Intercollegiate Athletics

No matter the size of the university or college, its mission, its status as public or private, flagship or regional, intercollegiate athletics plays an important role in how the institution is perceived.

For almost 150 years, intercollegiate athletics has created opportunities and challenges on nearly every university campus in America. Over a century and a half ago, the first organized intercollegiate athletics competition was instituted as a rowing regatta between Harvard and Yale. From 1852 until 2020, teams of participants from universities organized into divisions and conferences around the nation competed in sports from archery to wrestling.

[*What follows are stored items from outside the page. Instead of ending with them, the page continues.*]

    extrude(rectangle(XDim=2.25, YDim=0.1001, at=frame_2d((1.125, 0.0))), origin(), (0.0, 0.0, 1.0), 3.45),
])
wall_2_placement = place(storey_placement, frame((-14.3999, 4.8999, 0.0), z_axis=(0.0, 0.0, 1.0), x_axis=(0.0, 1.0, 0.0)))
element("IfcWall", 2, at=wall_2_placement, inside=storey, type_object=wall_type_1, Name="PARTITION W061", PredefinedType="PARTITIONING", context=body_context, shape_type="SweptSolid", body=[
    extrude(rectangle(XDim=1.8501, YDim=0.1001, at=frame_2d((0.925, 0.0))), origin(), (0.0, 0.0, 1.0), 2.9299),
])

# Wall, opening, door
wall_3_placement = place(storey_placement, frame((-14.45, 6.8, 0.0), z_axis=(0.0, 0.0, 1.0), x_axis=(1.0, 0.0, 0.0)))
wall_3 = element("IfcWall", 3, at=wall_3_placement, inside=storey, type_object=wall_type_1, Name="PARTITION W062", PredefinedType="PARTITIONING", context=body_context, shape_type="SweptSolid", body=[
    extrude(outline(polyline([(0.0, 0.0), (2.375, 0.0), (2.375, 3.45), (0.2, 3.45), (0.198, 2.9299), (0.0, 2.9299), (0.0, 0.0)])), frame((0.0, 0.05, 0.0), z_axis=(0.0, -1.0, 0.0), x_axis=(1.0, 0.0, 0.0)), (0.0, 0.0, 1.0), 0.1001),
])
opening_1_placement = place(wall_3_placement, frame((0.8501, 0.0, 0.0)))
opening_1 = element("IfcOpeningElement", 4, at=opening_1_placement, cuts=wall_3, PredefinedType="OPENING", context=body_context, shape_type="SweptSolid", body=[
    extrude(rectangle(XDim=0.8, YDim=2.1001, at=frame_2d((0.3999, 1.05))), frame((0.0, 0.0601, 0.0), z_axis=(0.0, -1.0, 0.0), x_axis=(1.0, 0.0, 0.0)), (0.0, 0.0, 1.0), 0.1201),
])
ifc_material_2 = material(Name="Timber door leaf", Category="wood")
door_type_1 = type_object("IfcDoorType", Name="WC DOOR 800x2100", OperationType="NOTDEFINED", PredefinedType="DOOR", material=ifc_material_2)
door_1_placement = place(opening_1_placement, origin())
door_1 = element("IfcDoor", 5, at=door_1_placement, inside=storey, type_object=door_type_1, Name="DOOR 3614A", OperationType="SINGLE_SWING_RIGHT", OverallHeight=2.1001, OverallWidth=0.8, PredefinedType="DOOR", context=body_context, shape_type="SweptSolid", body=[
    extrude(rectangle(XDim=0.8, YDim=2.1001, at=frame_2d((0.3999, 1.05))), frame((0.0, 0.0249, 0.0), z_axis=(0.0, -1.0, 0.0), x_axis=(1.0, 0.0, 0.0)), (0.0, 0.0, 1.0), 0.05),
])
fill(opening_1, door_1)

Football is likely the most visible contemporary college sport, with multiple stadiums that seat over 100,000 fans. However, advertising rights for March Madness, the NCAA basketball championships, totaled nearly $1.5 billion in March 2015. A 30-second spot during the final games of the tournament in 2015 cost $1.5 million. Big Business to be sure, but a drop in the bucket compared to the total annual athletics revenue of $10.3 billion according to the NCAA. That is not your great-great-grandfather’s Charles River Rowing Regatta. No judgments here, but recognition that a razor-thin line separates greed from pride and bridges the chasm that separates propriety from impropriety no matter the revenue generated.

The National Collegiate Athletic Association NCAA is split into three divisions: Division I, Division II and Division III. Scholarship limitations and guidelines allow the $3.5 billion awarded to student-athletes across Division I and Division II to be guided by principles that focus on a combination of academic and athletic engagement. Division III offers no athletic scholarships.

Athletic scholarships were first afforded students in 1906 loosely guided by the Intercollegiate Athletic Association of the United States. The name was changed in 1910 to the NCAA as we currently know it. Theodore Roosevelt was a strong proponent of intercollegiate athletics as a way to afford opportunity to more students. In football, scholarships were unlimited prior to 1973. A thoughtful look at college football was provided in 2012 by Dr. Brian Ingrassia at Middle Tennessee State, now on the faculty of WT in his book, The Rise of Gridiron University: Higher Education’s Uneasy Alliance with Big-Time Football. Ingrassia’s insight regarding college football is impressive and is interestingly cataloged by West Texas columnist John Mark Beilue.

Ingrassia and others point out that early intercollegiate athletics were intended to be a bridge between universities and the general public. Control migrated toward faculty, away from students. Too many serious injuries and a lack of discipline instigated the shift.

When a university provides high-quality academic/athletic experiences for students, parents, alumni and commerce are appropriately drawn to campus. Effectiveness and power are guided by leadership acumen from athletic directors and coaches who value educational opportunity as the first mission and purpose of the university. Student-athletes become ambassadors inside the university. Intercollegiate athletics is an off-campus ambassador. One follows the other. The Rubik’s Cube of relationships is complex and imperfect, but potently beneficial as a means of generating pride and interest.

West Texas A&M University ranked fourth in total attendance in NCAA Division II Football last year. This creates institutional pride. It is pride with legs that fills seats and builds relationships. Of course, it can turn on a dime. Contemporary examples of wisdom-lacking judgment could fill bookcases at every level of intercollegiate athletics.

Lighting the campfire of home football games allows fans to draw near and hear a first-rate marching band produced by an excellent music program, experience a family-friendly atmosphere of students and fans engaged in an excellent-by-any-measure tailgate experience, and visit a robust academic institution that values the region it serves. Potential new students are engaged in this campus experience with special opportunities for tours and familiarization with life at West Texas A&M University.

There are thousands of connections built on hundreds of university campuses, displaying the value of intercollegiate athletics outwardly. The stains on the enterprise that occur from time to time can be overcome by immediate and thoughtful responses from university leadership. This calculus is powerful to varying degrees in every sport. At many universities, the average GPA for student-athletes is higher than the average GPA for the general student population.

Such results are independent of the size of the university. Programs that generate hundreds of millions of dollars in revenue can be effectively run and managed towards academic excellence just as surely as Division III non-scholarship enterprises do.  Leadership allows intercollegiate athletics to be heralded for its remarkable impact on institutional pride and as a powerful part of university and community life.

When coupled with responsive and effective academic programs, intercollegiate athletics is the glue that helps bond the university to the community.